# layout sheds



## flyvemaskin (Nov 19, 2011)

Where I am the commercial sheds are old barn style, the walls are maybe five feet high, then three different angles on the roof begins curving inside at five feet or less. This reduces the height for the layout and restricts area for mountains or buildings on a layout say 24 inches wide at most. I may need to build my own, but would like to buy a shed and reduce my building time considerably. It will have to be insulated against cold and heat at an elevation of 7500 ft altitude.
Does anyone have any experience with a layout in a shed like this?


----------



## Carl (Feb 19, 2012)

Seems to me that a U-Shaped layout might be a thought and if you can reach 24" then the 24' size should work. Insulation is great but I think you may still need a heat source for the winter and maybe fans for the summer. Just my humble thoughts.


----------



## Gansett (Apr 8, 2011)

Do you have a home owners assoc to deal with or can you build any style and size you want? Most places don't require a building permit for under 100 sq feet, a 8x12 is 96 sf. Too small for a layout shed I'd think. Neighbors, property line set backs need to be considered. 

I searched the internet, looking at various styles before deciding on a simple 8x12 for our yard stuff and junque.

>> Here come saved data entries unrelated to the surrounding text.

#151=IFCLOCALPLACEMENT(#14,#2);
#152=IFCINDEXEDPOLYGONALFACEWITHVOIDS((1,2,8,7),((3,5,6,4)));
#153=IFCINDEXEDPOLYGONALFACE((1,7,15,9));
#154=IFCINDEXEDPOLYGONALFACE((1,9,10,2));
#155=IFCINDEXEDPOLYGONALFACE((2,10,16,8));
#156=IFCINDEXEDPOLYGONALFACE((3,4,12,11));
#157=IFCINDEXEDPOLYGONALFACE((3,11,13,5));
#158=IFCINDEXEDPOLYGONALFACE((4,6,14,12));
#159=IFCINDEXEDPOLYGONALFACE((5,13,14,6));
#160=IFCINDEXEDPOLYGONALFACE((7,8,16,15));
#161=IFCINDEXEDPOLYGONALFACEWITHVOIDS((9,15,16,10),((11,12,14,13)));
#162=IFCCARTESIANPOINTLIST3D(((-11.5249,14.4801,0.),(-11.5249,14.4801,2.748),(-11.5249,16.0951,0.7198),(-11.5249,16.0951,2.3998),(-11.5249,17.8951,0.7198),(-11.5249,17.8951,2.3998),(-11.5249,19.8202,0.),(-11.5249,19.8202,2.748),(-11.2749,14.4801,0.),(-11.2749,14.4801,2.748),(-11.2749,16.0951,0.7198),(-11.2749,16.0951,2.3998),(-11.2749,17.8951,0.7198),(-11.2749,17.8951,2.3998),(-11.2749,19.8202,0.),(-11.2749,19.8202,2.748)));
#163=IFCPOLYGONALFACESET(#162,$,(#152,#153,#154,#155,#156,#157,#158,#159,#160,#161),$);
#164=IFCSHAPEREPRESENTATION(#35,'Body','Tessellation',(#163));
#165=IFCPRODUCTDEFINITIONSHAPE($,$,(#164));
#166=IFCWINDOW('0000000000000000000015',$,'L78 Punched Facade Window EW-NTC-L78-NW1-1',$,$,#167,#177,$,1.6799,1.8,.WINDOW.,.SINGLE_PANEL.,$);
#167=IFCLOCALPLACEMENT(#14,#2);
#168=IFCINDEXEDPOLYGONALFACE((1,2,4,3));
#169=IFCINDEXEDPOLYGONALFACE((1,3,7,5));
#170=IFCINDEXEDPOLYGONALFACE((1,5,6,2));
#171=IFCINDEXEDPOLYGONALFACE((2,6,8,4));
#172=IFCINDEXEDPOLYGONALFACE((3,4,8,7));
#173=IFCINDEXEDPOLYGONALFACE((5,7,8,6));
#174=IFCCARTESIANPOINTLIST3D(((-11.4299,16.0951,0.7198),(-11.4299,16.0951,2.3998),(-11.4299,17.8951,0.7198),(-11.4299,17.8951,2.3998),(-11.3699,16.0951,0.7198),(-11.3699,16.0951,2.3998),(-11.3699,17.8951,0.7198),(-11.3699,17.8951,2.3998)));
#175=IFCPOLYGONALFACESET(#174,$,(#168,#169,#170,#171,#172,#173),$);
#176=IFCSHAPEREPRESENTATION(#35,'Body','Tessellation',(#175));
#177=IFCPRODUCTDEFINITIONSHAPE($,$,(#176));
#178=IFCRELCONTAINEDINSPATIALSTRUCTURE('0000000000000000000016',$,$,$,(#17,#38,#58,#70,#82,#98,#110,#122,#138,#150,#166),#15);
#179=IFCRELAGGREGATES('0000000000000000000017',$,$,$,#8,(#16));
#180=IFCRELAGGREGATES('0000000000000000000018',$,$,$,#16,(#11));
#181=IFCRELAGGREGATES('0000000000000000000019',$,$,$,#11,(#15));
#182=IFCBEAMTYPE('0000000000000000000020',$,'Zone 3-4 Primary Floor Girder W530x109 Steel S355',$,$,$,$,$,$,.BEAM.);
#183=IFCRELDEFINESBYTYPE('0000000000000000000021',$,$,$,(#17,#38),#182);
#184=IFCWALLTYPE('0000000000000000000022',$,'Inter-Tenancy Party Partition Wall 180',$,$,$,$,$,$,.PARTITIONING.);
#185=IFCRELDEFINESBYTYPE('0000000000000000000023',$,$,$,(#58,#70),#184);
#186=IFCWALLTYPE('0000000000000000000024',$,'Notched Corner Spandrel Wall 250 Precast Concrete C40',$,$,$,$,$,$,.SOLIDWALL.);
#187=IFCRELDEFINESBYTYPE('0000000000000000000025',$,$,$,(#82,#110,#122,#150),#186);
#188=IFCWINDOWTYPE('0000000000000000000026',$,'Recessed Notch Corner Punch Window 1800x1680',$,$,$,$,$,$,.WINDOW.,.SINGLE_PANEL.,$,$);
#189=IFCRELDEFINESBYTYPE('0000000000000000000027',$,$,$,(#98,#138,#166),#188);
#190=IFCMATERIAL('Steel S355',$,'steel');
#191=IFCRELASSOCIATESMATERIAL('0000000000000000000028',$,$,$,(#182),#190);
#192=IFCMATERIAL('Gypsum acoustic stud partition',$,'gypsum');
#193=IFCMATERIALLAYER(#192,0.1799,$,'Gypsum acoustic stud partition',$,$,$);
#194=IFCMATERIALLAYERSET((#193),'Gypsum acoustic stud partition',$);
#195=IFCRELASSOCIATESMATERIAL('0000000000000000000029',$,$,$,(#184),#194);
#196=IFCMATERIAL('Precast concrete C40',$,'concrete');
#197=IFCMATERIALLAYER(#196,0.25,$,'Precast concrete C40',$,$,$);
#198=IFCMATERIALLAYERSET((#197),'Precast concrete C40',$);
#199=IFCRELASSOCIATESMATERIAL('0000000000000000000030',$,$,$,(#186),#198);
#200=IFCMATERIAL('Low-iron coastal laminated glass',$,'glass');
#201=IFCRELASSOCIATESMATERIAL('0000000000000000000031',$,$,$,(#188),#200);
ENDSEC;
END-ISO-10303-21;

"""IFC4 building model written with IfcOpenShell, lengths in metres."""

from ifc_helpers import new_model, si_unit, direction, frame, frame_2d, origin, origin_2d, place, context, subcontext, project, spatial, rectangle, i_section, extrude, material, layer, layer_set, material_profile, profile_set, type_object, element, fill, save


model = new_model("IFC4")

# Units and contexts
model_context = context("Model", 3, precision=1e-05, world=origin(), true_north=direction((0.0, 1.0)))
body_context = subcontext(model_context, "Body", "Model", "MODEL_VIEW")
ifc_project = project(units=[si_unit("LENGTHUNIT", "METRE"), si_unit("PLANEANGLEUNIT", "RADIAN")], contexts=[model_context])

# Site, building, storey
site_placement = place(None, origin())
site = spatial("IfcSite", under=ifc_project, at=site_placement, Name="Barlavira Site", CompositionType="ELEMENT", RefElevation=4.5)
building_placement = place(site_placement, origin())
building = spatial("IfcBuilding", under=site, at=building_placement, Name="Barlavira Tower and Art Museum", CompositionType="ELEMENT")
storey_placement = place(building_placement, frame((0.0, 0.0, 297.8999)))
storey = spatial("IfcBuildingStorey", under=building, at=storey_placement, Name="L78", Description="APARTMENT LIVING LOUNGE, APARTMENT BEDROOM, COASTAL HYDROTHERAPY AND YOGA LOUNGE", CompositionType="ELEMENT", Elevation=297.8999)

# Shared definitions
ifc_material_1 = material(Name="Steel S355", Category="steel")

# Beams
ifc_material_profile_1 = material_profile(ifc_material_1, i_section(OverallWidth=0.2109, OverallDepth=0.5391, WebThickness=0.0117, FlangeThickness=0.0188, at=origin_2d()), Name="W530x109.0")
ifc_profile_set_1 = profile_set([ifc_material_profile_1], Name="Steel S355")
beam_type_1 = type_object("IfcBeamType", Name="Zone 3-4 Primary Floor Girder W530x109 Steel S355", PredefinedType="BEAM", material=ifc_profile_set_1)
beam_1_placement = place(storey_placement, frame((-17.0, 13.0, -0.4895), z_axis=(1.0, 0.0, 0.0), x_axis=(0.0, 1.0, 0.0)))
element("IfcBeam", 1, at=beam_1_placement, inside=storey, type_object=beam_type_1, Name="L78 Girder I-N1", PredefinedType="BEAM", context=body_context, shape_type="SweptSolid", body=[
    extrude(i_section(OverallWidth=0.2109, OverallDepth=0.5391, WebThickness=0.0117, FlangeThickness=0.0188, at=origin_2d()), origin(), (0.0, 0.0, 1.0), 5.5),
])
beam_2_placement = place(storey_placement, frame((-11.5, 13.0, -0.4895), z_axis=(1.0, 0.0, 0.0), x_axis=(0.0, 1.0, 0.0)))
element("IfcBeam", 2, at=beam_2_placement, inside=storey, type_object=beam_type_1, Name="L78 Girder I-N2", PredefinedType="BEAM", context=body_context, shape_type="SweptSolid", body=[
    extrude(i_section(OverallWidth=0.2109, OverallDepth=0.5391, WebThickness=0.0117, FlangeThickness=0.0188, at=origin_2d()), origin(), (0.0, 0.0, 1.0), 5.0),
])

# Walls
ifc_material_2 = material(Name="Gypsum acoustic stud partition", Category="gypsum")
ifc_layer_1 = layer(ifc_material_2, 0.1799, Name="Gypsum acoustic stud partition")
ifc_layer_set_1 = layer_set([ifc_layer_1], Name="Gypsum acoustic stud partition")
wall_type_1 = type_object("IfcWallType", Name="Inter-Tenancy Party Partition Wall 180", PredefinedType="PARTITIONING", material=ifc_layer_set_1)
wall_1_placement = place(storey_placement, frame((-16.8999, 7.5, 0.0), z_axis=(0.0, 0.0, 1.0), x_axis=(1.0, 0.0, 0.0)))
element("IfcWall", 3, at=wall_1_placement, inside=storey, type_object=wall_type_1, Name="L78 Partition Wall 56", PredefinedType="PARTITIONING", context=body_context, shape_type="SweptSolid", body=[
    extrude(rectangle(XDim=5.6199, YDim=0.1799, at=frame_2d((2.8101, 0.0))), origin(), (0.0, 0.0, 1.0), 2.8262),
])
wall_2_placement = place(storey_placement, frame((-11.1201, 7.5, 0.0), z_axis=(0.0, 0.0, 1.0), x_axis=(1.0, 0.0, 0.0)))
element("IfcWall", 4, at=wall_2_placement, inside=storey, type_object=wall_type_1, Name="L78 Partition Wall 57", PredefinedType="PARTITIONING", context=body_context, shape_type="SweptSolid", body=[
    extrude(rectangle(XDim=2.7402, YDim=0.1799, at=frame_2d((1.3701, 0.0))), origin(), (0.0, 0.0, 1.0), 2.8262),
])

Rest assured no matter what size you build it you'll wish you had gone bigger.
I said "you build it" because I wasn't too impressed with materials used in the kit styles Lowes and HD have and we built a shed almost twice the size with better materials for half the cost a local shed builder/dealer wanted.
Good Luck


----------



## txdyna65 (Aug 17, 2012)

Fly I bought a shed very similar to the one you are describing. The walls are 6' high though and the building is 14 X 32' with the gable roof and ceiling. I havent measured how high it is, but it is very high. I had to use a 8' ladder when I was finishing out the inside. You can buy these insulated and finished in the inside already but they are quite high. I finished mine out myself, I used sanded plywood for the walls and for the ceiling and ends I used cedar planks. I dont have a pic of it finished out but I have a few before I started on it. I did insulate the whole building and bought a A/C window unit and I have a cpl small space heaters for our mild winters here.


----------



## txdyna65 (Aug 17, 2012)

Here is a pic before I started finishing out the inside. The building had a 4' X 6' inset which I took out before I started the finishing out process. The inside is a mess right now but I will try to get a pic of it for you and a measurement on the hright of the ceiling.


----------



## flyvemaskin (Nov 19, 2011)

Thanks guys, first, we have no HOA's, that's why I am there. The town has about 200 souls, is unencorperated . The county sometimes wants permits but I don't think for this. The 8X12 size is that way so the lumber yard trucks need no oversize permit to move them. I need the walls high enough so I can have storage underneath, and a work table. We have one shed we bought for a layout room, but with the low walls, I used it for storage instead. Was planning on a bigger shed with verticle walls, only finances for that disappeared so had to shelv my plans for a while.


----------